The length of the classical op-ed column was fixed in part by the size of the physical page. To get five full columns (or so) on the op-ed page meant that none of them could be much longer than 750 words, or else someone else would be down to 500, though editors used to think in terms of column inches rather than word counts. 750 was also an excellent length to make a substantive point (usually only one) without challenging attention spans or making it impossible to look at the rest of the paper before you left for work or school. It encouraged sharp formulations, striking tag lines. You had to go right at it and then get right out. Each pundit, like each modernist poet, wrote in a distinctive style.

Over the past several years, the op-ed column has been expanding, shrinking, or dying: dissipating, we might say. The transition off paper opens up all sorts of possibilities. It also compromises a very viable structure. Many editors started getting less worried about word counts around the turn of the century. The electronic page could hold 10 columns, 15, at 1000 words, or 3000. If one had one's own blog (and who, among the extremely opinionated, didn’t?), length was of no concern and you were tempted to ditch craft entirely, publishing your impressions as quickly as you could type. By the 2010s, many people were getting their opinion stuff from hours-long podcasts and newsletters which could go in any direction at any pace.

And opinion journalists migrated en masse to Twitter: op-ed as haiku, or maybe a string of punchy aphorisms, separated into boxes. The form sprawled and shrank.

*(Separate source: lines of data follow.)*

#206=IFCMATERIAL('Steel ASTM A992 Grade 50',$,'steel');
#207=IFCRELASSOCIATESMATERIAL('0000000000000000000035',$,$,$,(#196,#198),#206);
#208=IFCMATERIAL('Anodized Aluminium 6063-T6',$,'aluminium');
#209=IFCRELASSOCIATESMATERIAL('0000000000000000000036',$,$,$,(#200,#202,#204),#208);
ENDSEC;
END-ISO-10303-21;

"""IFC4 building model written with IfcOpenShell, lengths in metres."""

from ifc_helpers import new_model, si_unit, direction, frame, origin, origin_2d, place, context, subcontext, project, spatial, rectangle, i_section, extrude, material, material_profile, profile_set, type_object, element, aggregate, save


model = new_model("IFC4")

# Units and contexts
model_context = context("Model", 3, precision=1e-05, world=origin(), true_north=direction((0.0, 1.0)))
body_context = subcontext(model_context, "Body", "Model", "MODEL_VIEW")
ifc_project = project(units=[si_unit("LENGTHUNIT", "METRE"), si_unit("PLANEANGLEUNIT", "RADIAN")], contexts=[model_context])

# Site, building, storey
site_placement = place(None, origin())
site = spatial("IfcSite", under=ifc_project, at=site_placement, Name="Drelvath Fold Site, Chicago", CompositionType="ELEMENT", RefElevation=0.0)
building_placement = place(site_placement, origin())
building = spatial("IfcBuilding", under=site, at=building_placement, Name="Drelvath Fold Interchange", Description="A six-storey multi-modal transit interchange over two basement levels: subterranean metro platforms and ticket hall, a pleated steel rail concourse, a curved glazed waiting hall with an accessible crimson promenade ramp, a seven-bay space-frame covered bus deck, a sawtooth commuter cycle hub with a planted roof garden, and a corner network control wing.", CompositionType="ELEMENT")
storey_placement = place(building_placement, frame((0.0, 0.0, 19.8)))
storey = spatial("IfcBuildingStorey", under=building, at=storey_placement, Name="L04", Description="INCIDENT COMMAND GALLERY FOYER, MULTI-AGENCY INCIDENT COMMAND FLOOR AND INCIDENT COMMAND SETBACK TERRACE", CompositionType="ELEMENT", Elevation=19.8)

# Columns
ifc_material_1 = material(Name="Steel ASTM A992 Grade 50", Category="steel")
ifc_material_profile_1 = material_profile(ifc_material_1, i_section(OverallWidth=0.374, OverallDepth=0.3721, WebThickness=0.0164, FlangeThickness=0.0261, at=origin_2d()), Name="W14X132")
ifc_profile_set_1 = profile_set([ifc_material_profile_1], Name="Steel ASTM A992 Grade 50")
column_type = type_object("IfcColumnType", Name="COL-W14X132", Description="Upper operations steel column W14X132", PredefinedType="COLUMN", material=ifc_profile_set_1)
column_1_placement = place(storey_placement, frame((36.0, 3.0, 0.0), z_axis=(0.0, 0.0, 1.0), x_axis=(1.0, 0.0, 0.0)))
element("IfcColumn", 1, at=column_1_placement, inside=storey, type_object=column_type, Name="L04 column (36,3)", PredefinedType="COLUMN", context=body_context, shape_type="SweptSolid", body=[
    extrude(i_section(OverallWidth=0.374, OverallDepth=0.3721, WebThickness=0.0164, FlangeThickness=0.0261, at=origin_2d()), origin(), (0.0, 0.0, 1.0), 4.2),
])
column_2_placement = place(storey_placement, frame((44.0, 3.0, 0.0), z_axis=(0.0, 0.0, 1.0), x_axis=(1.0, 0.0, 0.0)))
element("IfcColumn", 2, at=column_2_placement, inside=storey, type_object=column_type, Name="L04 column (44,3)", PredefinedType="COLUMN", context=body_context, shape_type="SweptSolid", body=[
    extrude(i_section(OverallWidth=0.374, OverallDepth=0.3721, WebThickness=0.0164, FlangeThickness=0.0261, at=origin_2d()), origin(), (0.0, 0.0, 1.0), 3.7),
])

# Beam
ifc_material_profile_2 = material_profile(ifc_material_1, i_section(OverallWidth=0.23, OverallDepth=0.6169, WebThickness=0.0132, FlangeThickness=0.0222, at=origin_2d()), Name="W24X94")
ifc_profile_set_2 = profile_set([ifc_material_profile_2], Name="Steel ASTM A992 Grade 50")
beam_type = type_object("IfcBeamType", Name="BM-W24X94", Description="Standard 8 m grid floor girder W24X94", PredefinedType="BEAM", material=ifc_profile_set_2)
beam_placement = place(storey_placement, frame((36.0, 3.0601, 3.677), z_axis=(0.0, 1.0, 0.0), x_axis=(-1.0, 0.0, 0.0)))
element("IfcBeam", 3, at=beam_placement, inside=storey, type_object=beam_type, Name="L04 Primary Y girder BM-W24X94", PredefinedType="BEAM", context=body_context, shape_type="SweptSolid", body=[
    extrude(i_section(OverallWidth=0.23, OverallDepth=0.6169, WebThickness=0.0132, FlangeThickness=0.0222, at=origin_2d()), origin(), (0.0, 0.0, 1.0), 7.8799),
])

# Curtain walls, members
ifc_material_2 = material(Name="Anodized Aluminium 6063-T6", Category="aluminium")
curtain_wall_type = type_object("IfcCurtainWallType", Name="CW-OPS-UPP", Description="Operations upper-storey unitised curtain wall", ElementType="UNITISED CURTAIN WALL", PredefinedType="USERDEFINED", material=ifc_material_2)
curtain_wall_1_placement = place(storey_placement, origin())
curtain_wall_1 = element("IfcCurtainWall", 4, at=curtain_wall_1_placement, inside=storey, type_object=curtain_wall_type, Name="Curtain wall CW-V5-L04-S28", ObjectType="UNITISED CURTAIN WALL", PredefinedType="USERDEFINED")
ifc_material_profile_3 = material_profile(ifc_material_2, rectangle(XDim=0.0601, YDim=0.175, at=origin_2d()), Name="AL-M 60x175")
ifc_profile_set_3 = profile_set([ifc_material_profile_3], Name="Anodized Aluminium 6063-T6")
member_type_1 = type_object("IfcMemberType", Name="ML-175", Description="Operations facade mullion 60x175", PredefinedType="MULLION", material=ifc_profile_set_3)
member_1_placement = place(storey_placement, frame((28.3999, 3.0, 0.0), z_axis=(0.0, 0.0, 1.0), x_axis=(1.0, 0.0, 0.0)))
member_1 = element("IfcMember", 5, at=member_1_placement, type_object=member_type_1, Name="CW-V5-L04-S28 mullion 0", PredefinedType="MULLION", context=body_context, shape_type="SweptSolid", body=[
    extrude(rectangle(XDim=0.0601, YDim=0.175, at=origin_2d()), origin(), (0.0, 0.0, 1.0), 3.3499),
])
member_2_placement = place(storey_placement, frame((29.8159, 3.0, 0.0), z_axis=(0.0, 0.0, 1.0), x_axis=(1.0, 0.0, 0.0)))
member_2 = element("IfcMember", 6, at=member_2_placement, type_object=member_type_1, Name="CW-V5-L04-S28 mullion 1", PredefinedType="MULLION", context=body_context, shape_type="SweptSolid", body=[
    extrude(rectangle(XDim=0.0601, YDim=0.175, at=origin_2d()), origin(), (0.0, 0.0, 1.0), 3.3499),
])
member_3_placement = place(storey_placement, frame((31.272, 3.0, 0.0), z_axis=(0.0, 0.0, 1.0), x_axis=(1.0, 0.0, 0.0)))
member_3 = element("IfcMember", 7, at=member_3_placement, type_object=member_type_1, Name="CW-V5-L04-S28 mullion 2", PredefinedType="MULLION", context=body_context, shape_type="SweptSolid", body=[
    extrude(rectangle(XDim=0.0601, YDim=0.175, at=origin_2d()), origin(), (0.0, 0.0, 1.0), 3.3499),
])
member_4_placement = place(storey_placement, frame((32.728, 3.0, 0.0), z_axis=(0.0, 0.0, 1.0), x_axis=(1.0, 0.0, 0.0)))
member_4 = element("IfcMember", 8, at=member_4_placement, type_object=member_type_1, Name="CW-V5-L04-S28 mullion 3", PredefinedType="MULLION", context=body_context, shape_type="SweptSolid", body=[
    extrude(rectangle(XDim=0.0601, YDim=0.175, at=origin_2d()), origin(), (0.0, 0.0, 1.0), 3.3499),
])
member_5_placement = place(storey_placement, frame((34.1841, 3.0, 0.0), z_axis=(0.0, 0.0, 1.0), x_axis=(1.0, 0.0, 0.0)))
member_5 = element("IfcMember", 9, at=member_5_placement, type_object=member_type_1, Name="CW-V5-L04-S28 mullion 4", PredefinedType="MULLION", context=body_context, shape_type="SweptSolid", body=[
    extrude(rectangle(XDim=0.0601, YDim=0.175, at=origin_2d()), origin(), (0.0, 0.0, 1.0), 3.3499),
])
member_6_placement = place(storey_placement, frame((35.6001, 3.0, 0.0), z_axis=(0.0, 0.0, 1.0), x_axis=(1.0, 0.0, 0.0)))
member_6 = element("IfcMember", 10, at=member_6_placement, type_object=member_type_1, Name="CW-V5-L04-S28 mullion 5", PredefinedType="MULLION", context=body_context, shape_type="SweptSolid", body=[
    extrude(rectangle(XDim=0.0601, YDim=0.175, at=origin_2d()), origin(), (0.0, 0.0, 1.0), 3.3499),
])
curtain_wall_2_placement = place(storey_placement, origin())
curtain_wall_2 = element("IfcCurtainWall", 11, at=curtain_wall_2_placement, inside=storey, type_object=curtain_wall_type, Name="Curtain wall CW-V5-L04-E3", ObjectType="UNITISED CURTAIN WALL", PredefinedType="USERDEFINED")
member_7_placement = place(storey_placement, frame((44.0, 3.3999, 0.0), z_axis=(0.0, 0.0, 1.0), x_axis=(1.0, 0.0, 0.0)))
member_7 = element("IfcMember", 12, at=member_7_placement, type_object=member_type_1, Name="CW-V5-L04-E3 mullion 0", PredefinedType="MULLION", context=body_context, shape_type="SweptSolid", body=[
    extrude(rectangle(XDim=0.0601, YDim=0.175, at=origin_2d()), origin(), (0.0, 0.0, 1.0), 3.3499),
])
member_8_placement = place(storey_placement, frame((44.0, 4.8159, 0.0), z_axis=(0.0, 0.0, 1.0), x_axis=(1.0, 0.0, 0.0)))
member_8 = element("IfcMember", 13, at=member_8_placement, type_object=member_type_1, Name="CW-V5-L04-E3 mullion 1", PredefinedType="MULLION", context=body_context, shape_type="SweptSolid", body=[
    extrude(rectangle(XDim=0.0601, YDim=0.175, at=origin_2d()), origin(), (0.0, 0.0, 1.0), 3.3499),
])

The New York Times opinion section still contains a few traditional columns and columnists (Maureen Dowd and Michelle Goldberg, for example), but what looks like a column by Ezra Klein or Kara Swisher is likely to be a tease for a podcast or digested from a newsletter. The average guest essay is selected because of the status or the expertise of the writer, but almost never for the quality of the writing, which is often a cliché-addled grind. Guardian columnists such as Arwa Mahdawi present mini-newsletters on the page, focusing on one topic and then giving a digest of several others, a kind of compendium or journal.

The Wall Street Journal is one of the few publications that still restricts itself (roughly) to the classical form, in part I suspectbecause it still emphasizes distribution on paper. Even if it, like many media outlets, is confused as between pundits and political consultants (the WSJ features Karl Rove, for example), it will also give you a crisp classical column by Barton Swaim. Even there, Peggy Noonan, for example, gets to double up, as well she should.

But the perfect punch of a Clarence Page column, like the Petrarchan sonnet, is fading into history. That leaves breakfasting wranglers like me and long-time sonneteers such as Page feeling just a bit bemused.